Forward-Looking Statements
This press release contains “forward-looking statements” within the
meaning of Section 27A of the Securities Act of 1933, as amended, and
Section 21E of the Securities Exchange Act of 1934, as amended. The
statements in this press release that are not historical facts are
forward-looking statements. Forward-looking statements are estimates and
projections reflecting management’s judgment based on currently
available information and involve a number of risks and uncertainties
that could cause actual results to differ materially from those
suggested by the forward-looking statements.
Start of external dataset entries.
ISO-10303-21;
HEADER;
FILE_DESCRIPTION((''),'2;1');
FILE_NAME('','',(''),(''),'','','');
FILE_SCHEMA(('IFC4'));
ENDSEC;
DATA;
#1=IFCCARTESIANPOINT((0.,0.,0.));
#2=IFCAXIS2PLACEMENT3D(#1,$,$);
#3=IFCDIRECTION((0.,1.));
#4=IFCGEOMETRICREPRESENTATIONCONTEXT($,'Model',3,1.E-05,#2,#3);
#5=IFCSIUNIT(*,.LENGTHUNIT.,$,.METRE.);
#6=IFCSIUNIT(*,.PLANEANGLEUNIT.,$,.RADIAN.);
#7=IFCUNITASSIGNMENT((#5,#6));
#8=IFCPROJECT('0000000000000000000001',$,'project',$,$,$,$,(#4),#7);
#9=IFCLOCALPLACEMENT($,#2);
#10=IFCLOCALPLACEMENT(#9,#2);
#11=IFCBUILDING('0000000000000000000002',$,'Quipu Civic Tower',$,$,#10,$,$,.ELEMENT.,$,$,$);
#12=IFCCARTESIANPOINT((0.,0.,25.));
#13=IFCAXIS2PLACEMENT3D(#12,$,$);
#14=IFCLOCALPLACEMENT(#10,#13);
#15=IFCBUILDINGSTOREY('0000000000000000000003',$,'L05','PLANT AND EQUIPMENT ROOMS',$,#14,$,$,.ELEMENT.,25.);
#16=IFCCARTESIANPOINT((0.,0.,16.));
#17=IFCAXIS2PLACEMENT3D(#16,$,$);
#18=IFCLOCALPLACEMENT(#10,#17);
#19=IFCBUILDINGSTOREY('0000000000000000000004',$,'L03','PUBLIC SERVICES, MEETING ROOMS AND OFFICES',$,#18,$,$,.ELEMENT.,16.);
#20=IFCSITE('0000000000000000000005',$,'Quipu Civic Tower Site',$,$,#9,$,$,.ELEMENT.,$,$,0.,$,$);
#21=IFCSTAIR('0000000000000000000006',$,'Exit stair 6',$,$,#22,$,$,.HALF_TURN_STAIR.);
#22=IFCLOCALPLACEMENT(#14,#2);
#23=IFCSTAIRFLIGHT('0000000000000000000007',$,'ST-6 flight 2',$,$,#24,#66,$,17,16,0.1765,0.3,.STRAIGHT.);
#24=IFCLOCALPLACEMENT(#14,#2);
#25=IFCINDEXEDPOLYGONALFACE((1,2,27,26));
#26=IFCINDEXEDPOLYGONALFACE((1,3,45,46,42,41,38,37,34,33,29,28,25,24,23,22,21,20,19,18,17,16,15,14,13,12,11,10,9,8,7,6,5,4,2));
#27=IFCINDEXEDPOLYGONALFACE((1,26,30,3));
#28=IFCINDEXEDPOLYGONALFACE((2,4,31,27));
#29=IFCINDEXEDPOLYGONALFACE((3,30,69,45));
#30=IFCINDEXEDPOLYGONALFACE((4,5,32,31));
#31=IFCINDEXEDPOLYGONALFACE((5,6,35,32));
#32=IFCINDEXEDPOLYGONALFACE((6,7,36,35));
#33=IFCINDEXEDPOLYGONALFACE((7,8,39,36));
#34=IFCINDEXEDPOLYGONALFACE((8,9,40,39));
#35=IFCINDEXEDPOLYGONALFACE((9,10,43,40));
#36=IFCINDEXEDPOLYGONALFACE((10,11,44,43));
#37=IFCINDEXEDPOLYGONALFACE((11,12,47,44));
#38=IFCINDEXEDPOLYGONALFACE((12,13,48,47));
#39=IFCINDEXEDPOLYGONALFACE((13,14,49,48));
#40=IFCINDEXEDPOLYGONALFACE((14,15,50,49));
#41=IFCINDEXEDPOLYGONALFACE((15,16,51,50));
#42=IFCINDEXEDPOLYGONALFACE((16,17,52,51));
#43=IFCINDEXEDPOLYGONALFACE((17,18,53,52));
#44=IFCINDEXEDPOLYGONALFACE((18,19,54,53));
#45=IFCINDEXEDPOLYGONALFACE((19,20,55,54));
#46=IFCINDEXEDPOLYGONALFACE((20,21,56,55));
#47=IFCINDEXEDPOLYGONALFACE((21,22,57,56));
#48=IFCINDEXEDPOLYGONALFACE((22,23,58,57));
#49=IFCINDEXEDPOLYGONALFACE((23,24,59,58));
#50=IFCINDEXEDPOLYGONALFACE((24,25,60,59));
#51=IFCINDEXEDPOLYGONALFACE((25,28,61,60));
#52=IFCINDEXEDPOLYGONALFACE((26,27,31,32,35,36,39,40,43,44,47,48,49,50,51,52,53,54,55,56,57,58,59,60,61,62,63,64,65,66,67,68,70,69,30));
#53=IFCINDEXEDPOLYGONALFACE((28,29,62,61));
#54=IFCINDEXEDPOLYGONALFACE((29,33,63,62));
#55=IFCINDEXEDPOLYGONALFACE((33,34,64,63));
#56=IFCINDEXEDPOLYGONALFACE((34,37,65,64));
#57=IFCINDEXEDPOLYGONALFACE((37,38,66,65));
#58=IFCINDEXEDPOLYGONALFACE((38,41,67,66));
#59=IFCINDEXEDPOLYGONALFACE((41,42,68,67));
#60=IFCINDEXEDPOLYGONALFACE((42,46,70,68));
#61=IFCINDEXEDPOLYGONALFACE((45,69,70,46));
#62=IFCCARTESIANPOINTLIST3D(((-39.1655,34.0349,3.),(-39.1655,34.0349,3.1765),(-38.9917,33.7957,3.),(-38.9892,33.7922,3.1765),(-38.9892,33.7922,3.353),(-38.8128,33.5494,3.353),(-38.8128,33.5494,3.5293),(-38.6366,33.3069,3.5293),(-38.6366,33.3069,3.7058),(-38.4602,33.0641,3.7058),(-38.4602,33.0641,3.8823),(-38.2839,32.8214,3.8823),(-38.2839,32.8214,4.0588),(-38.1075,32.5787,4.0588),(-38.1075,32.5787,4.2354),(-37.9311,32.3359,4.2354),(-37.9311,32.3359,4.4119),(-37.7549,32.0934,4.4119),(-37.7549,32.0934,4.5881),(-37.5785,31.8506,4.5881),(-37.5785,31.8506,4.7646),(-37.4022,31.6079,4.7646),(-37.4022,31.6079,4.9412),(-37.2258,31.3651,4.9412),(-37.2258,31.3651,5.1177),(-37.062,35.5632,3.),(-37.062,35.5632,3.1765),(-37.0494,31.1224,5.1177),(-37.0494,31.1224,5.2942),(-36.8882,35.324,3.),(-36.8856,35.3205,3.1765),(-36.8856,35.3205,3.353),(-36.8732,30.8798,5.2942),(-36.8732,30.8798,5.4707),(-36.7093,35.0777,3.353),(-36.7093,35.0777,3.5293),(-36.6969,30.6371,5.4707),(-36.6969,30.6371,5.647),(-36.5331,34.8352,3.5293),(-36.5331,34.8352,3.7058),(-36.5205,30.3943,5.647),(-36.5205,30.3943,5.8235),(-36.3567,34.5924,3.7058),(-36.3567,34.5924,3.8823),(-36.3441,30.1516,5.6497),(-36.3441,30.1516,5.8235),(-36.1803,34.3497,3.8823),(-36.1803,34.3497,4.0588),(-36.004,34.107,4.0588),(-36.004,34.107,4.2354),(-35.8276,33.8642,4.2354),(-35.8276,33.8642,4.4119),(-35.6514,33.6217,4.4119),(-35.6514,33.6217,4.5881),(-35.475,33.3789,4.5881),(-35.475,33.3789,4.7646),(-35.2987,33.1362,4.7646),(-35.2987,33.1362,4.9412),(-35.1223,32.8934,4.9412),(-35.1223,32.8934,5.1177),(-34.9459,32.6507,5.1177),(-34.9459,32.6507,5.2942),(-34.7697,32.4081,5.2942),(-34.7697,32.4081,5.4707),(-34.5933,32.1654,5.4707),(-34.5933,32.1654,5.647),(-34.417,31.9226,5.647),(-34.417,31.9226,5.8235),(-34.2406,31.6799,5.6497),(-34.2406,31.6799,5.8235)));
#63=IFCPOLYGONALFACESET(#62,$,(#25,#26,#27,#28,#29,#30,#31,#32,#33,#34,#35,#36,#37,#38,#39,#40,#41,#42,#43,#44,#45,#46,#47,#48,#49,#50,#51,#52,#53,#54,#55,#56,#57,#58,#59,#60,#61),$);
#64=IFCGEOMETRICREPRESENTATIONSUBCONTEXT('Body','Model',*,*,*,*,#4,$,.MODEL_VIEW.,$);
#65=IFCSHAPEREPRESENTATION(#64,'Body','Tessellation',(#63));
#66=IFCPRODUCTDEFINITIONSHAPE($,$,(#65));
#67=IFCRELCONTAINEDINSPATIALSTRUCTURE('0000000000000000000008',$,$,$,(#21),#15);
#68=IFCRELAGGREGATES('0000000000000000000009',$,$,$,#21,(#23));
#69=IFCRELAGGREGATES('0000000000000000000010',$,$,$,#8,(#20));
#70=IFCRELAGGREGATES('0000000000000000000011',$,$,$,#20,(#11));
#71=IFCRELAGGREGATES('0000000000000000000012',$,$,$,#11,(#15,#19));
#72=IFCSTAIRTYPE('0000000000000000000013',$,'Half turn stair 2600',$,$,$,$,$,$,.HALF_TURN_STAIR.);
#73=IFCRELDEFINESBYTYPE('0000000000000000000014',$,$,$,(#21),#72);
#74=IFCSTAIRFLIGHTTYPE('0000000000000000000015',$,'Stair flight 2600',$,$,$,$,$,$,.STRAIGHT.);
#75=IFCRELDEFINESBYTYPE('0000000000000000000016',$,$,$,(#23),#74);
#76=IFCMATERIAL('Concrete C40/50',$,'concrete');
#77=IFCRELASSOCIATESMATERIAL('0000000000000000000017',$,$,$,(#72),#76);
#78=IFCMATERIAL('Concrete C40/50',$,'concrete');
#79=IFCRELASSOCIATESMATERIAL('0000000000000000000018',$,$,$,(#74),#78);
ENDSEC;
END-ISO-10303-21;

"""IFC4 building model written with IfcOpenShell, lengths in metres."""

from ifc_helpers import new_model, si_unit, direction, frame, origin, place, context, subcontext, project, spatial, polyline, outline, extrude, material, type_object, element, aggregate, save


model = new_model("IFC4")

# Units and contexts
model_context = context("Model", 3, precision=1e-05, world=origin(), true_north=direction((0.0, 1.0)))
body_context = subcontext(model_context, "Body", "Model", "MODEL_VIEW")
ifc_project = project(units=[si_unit("LENGTHUNIT", "METRE"), si_unit("PLANEANGLEUNIT", "RADIAN")], contexts=[model_context])

# Site, building, storey
site_placement = place(None, origin())
site = spatial("IfcSite", under=ifc_project, at=site_placement, Name="Quipu Civic Tower Site", CompositionType="ELEMENT", RefElevation=0.0)
building_placement = place(site_placement, origin())
building = spatial("IfcBuilding", under=site, at=building_placement, Name="Quipu Civic Tower", CompositionType="ELEMENT")
storey_1_placement = place(building_placement, frame((0.0, 0.0, 25.0)))
storey_1 = spatial("IfcBuildingStorey", under=building, at=storey_1_placement, Name="L05", Description="PLANT AND EQUIPMENT ROOMS", CompositionType="ELEMENT", Elevation=25.0)

# Shared definitions
storey_2_placement = place(building_placement, frame((0.0, 0.0, 16.0)))
storey_2 = spatial("IfcBuildingStorey", under=building, at=storey_2_placement, Name="L03", Description="PUBLIC SERVICES, MEETING ROOMS AND OFFICES", CompositionType="ELEMENT", Elevation=16.0)

# Stair, stair flight
ifc_material_1 = material(Name="Concrete C40/50", Category="concrete")
stair_type = type_object("IfcStairType", Name="Half turn stair 2600", PredefinedType="HALF_TURN_STAIR", material=ifc_material_1)
stair_placement = place(storey_1_placement, origin())
stair = element("IfcStair", 1, at=stair_placement, inside=storey_1, type_object=stair_type, Name="Exit stair 6", PredefinedType="HALF_TURN_STAIR")
ifc_material_2 = material(Name="Concrete C40/50", Category="concrete")
stair_flight_type = type_object("IfcStairFlightType", Name="Stair flight 2600", PredefinedType="STRAIGHT", material=ifc_material_2)
stair_flight_placement = place(storey_1_placement, frame((-38.1138, 34.7991, 3.0), z_axis=(0.0, 0.0, 1.0), x_axis=(0.587785, -0.809017, 0.0)))
stair_flight = element("IfcStairFlight", 2, at=stair_flight_placement, type_object=stair_flight_type, Name="ST-6 flight 2", NumberOfRisers=17, NumberOfTreads=16, PredefinedType="STRAIGHT", RiserHeight=0.1765, TreadLength=0.3, context=body_context, shape_type="SweptSolid", body=[
    extrude(outline(polyline([(0.0, 0.0), (0.0, 0.1765), (0.3, 0.1765), (0.3, 0.353), (0.6001, 0.353), (0.6001, 0.5293), (0.8999, 0.5293), (0.8999, 0.7058), (1.2, 0.7058), (1.2, 0.8823), (1.5, 0.8823), (1.5, 1.0588), (1.8, 1.0588), (1.8, 1.2354), (2.1001, 1.2354), (2.1001, 1.4119), (2.3999, 1.4119), (2.3999, 1.5881), (2.7, 1.5881), (2.7, 1.7646), (3.0, 1.7646), (3.0, 1.9412), (3.3, 1.9412), (3.3, 2.1177), (3.6001, 2.1177), (3.6001, 2.2942), (3.8999, 2.2942), (3.8999, 2.4707), (4.2, 2.4707), (4.2, 2.647), (4.5, 2.647), (4.5, 2.8235), (4.8, 2.8235), (4.8, 3.0), (4.8, 2.6497), (0.2957, 0.0), (0.0, 0.0)])), frame((0.0, 1.3, 0.0), z_axis=(0.0, -1.0, 0.0), x_axis=(1.0, 0.0, 0.0)), (0.0, 0.0, 1.0), 2.6001),
])
aggregate(stair, [stair_flight])

save(model, "model.ifc")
Risk factors include the
risks and uncertainties relating to the restructuring of the Company’s
balance sheet and enhancing of its liquidity, including whether or not
the Company will be successful in doing so; the sufficiency of the
Company’s cash flow and access to liquidity and the ability of the
Company to continue as a going concern; whether the bankruptcy court
will approve the DIP financing and the plan of reorganization of the
Company as proposed, including with respect to the latter, the treatment
of the claims of the senior noteholders, trade creditors and equity
holders, among others; the debtors’ ability to obtain court approval
with respect to motions in the Chapter 11 proceeding; court rulings in
the Chapter 11 proceeding and the outcome of the Chapter 11 proceeding
in general; the length of time the debtors will operate under Chapter
11, including whether the Company will be successful in exiting
bankruptcy within 110 days as planned; risks associated with third party
motions in the Chapter 11 proceeding, which may interfere with the
consummation of the plan of reorganization; the potential adverse
effects of the Chapter 11 proceeding on the debtors’ liquidity, results
of operations, or business prospects, the ability of the Company to
execute its business plan; increased legal costs related to the Chapter
11 proceeding and other litigation; and additional risks and
uncertainties that are described in the Company’s Annual Report on Form
10-K for the fiscal year ended December 31, 2014, as well as in other
reports filed from time to time by the Company with the Securities and
Exchange Commission. This report speaks only as of its date, and the
Company disclaims any duty to update the information herein. These
forward-looking statements are based upon assumptions that are subject
to change and to risks in the Company’s business. Although the Company
believes that the expectations reflected in such forward-looking
statements are reasonable, it can give no assurance that such
expectations will prove to have been correct.